After 34 years of teaching with “the best health law and ethics faculty in the country,” Mariner retired from her professorships at SPH, the School of Medicine, and the School of Law in December 2020, but she remains active and committed to sharing her vast knowledge of the US legal system and the impact of laws on issues concerning fair elections, healthcare access, health equity, and social justice.

Mariner attended Columbia Law School during the Civil Rights Movement and the Vietnam War, and she says her retirement came at a full-circle moment amid the nation’s racial reckoning and widening divide on legal issues that impact public health.

“I wanted to learn how laws shape our world and how they can push for justice,” Mariner explains. What she learned, she says, is that laws allocate risks—and that risks to health arise from social determinants. “That concept wasn’t well recognized when I first began teaching, and at SPH, I’ve tried to examine and teach how our laws shape everything from reproduction to education, housing to food supply, gun violence to medical care, and especially poverty to epidemics.”

Beyond the social determinants of health exists an even deeper influence on health risks, she says—voting in elections.

“Voting chooses our legislatures, and thus, our laws,” she says. “Today, too many voices have not been heard over what our laws should be—mostly the voices of those who suffer the greatest risks in society: the poor, women, people of color, LGBTQ Americans. People aren’t choosing their representatives; representatives are choosing their voters.
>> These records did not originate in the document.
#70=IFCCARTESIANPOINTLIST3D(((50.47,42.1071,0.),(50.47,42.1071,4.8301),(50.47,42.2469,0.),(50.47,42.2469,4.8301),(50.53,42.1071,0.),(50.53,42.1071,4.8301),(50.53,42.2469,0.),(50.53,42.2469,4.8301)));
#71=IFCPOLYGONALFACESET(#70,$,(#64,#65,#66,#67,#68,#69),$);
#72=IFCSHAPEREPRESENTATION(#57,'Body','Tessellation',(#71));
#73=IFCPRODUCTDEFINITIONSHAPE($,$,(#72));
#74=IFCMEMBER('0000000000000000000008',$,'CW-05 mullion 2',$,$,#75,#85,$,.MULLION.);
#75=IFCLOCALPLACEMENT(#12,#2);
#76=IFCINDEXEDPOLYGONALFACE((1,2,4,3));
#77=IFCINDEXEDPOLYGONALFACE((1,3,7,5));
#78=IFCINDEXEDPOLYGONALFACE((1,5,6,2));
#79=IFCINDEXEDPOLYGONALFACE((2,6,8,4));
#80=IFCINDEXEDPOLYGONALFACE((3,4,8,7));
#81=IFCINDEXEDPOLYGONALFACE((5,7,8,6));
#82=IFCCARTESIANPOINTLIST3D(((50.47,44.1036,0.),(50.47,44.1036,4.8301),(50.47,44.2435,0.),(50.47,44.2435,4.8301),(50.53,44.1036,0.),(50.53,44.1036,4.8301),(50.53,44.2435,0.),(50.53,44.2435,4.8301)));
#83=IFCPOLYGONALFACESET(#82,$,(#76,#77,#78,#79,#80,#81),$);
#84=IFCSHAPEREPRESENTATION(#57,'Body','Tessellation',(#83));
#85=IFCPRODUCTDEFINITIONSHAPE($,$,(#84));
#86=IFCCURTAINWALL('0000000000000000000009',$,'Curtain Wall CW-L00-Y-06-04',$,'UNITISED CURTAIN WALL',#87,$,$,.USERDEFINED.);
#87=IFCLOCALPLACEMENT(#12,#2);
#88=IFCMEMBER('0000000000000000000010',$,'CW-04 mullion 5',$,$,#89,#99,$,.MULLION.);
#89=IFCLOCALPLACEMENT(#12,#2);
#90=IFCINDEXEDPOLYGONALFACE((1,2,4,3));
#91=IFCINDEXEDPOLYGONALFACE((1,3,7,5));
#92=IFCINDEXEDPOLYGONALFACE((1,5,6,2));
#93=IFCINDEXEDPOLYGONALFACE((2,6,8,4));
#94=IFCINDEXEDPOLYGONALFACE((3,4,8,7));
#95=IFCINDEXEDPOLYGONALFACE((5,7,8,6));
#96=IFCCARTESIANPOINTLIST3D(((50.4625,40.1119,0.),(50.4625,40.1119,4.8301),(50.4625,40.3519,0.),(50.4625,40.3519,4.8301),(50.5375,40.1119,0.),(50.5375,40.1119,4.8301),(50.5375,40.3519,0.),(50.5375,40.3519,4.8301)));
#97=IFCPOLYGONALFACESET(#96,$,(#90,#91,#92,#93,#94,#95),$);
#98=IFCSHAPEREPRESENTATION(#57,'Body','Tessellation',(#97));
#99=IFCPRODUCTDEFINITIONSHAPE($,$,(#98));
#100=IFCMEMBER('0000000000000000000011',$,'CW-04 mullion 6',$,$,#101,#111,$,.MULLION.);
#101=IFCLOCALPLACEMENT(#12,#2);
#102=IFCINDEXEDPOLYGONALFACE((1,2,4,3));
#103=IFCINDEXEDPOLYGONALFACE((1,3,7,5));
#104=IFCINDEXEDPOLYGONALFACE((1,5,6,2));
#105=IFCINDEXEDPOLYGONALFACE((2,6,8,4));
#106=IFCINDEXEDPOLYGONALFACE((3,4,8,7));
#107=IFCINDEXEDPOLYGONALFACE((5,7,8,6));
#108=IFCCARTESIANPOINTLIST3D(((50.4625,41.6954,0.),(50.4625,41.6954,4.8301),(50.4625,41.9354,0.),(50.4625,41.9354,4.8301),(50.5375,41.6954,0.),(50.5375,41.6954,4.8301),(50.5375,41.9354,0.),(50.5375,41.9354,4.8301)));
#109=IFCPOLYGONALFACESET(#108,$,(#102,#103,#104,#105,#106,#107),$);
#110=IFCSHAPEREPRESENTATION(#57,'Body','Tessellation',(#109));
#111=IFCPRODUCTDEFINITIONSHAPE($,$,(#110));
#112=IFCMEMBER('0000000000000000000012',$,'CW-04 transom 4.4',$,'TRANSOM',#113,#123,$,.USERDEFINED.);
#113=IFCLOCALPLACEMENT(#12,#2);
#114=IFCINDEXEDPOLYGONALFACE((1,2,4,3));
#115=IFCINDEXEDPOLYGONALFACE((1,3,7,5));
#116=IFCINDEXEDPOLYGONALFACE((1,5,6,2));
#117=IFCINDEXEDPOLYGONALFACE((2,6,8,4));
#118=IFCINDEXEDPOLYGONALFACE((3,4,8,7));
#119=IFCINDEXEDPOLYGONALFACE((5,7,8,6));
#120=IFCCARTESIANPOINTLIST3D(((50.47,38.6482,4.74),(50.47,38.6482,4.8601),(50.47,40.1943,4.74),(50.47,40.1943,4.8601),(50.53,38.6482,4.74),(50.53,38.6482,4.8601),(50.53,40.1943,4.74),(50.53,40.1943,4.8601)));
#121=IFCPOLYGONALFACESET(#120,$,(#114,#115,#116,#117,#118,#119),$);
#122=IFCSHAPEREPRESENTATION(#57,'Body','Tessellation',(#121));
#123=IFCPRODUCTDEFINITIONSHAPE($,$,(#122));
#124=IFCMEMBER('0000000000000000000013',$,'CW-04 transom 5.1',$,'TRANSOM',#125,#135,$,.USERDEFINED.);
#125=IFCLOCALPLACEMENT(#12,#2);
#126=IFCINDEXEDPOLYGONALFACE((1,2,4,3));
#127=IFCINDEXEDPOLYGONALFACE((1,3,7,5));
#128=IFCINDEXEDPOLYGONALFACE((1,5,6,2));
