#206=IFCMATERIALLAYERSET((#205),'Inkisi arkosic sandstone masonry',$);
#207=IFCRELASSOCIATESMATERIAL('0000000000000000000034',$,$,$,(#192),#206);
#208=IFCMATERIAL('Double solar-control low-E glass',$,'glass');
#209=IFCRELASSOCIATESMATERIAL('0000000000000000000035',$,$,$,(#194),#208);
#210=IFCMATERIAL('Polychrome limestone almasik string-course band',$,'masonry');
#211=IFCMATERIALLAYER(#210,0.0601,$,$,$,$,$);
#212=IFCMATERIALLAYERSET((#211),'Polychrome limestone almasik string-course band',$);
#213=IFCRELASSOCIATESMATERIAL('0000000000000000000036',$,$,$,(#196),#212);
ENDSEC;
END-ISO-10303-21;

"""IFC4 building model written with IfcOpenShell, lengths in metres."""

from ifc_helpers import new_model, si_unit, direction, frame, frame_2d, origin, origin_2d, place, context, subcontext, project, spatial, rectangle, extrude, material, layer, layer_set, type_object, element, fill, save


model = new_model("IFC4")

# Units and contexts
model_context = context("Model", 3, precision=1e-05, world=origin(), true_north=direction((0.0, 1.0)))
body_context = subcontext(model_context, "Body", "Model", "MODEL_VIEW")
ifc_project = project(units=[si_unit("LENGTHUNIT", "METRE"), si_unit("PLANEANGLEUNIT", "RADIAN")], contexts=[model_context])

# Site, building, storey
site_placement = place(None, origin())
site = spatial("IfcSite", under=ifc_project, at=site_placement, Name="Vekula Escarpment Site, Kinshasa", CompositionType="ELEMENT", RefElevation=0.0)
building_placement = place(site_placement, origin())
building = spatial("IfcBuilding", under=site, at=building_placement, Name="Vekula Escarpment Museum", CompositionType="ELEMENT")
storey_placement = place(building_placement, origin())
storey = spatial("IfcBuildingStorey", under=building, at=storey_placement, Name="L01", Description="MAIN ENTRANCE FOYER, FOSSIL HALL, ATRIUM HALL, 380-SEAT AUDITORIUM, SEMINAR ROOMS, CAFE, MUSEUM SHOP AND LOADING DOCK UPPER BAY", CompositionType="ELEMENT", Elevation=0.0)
“So, I’m very happy to become emerita and stay engaged with the school and its mission, and to continue this work as an advocate for voting rights and fair elections.” Mariner has also served in several legal organizations. As past chair of the American Bar Association’s Section on Civil Rights and Social Justice, she launched and now chairs a task force on fair elections and voting rights.

She has also coauthored three editions of the textbook Public Health Law and published more than 100 articles on patient and consumer rights, healthcare reform, health insurance benefits and regulation, reproductive rights, and more. Mariner continues to write about these issues, in particular, the Affordable Care Act, as well as the likelihood of a national health insurance program, a move she supports.

“I did not think that we would have anything resembling universal healthcare by the time I retired, but now I think we can,” Mariner says.

“But we’re going to have to work very hard to keep these successes that we have enjoyed. We have to continue to pay close attention to the law. Otherwise, we could lose our democracy.”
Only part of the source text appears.